Des fans et des fanatiques
Comme beaucoup d'enfants, notre fils préfère aller aux toilettes pendant le dîner. L'autre jour, il était assis là depuis un moment quand il a soudain entonné une chanson. Avec un couplet et un refrain. Ma femme et moi nous sommes regardés. Pour la première fois depuis longtemps, nous pensions à la même chose : cours de musique. Des soirées de conférences. Des arias dans des salles de concert. Ainsi, le fait que je lui ai fait écouter très tôt ma musique préférée et que j'ai ignoré la remarque selon laquelle son chat en peluche n'aimait pas Schubert s'avère payant.
Cependant, notre fils ne chante que dans les toilettes. Si nous voulons impressionner d'autres personnes avec son talent, nous devons les inviter à dîner. C'est le malheur de nombreux parents : le talent extraordinaire de leurs enfants se manifeste souvent de manière si subtile qu'ils sont les seuls à pouvoir le remarquer.
«Il a une grande intelligence émotionnelle», me racontait récemment une mère dans une aire de jeux à propos de son fils, que j'avais observé auparavant en train de donner des coups de pied aux fesses de deux autres enfants.
L'éducation est toujours une projection. Et lorsqu'il s'agit des capacités de nos enfants, la loupe est souvent particulièrement grande. S'il fait un papier découpé, il est au début d'une carrière artistique. S'il coupe une carotte, nous voyons déjà le cuisinier gastronome. Et s'il se contente de s'asseoir et de se curer le nez, nous y voyons l'essence du philosophe.
Souvent, nous voyons dans les talents de nos enfants le reflet de nos propres rêves et l'espoir qu'ils ne connaîtront pas les mêmes déceptions.
Tous les parents devraient être fans de leurs enfants - sans pour autant devenir des fanatiques. «Est-ce que je suis en train de vivre mes propres aspirations refoulées ?», devrait-on par exemple se demander lorsqu'on s'apprête à acheter un saxophone à son enfant pour son cinquième anniversaire.
Souvent, nous voyons dans les talents de nos enfants le simple reflet de nos propres rêves et l'espoir qu'ils ne connaîtront pas les mêmes déceptions.
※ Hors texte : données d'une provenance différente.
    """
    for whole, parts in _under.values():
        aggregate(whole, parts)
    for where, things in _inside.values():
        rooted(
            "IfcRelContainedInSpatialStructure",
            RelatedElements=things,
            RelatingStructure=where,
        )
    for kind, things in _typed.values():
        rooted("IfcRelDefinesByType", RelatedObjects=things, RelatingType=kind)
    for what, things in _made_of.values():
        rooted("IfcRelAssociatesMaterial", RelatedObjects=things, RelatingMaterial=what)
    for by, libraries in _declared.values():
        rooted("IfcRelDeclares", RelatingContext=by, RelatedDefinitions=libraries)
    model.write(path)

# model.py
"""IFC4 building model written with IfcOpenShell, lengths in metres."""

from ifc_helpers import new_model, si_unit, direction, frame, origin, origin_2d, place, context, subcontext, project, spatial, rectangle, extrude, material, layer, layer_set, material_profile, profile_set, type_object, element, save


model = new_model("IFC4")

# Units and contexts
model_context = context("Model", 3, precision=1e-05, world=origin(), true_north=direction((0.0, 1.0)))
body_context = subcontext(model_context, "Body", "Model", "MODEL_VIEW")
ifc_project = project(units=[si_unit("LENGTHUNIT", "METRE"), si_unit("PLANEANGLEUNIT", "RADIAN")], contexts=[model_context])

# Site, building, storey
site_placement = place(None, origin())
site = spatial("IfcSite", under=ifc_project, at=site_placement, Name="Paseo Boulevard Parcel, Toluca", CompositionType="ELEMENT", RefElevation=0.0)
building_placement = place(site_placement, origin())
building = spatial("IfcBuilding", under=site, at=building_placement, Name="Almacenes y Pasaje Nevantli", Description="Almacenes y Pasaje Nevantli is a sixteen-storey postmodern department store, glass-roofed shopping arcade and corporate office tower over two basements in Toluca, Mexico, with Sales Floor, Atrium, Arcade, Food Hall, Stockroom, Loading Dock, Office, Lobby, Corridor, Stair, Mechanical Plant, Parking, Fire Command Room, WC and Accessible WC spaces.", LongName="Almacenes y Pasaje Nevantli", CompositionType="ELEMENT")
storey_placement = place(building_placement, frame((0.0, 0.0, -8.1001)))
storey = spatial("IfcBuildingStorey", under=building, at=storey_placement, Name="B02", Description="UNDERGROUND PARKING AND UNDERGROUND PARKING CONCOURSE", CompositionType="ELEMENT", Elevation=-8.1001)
Mais les rêves ne peuvent pas être généralisés. Chacun a des désirs différents. Chacun vit ses propres réussites et ses propres déceptions.
L'ethos du temps
Ma mère aimait autrefois me raconter son enfance avec un pathos passionné. Toutes ces histoires avaient en commun le fait que le talent y apparaissait toujours comme un fardeau. «Ne pas se faire remarquer» était l'éthique de l'époque. «Sois comme tout le monde».
Aujourd'hui, la pression de l'individualisation est si forte dans notre société qu'on ne peut pas commencer assez tôt à se trouver un rôle. «Se distinguer» est le mot d'ordre du moment. Et ensuite, sois cette autre chose jusqu'à ce que tu puisses en faire un modèle commercial dans les médias sociaux.
Les enfants se distinguent justement par le fait qu'ils ne sont encore personne. Leur plus grand talent est la curiosité. Mais cela implique aussi qu'à un moment donné, ils jouent passionnément avec la boîte de physique (et nous étudions déjà les conditions d'inscription au Cern avec un regard fébrile), mais que les deux années suivantes, ils ne la regardent plus.
Si nous devons vraiment encourager quelque chose en tant que parents, c'est bien cette ouverture d'esprit. Les enfants ont encore suffisamment de temps dans leur vie pour être quelqu'un. Laissons-les d'abord être rien d'autre qu'un enfant.
L'autre jour, nous avons quand même invité quelques amis à une soirée concert. Avec les chaises, nous nous sommes rassemblés devant les toilettes. Il y avait de la piccata milanese et le célèbre aria «I Like to Move It, Move It».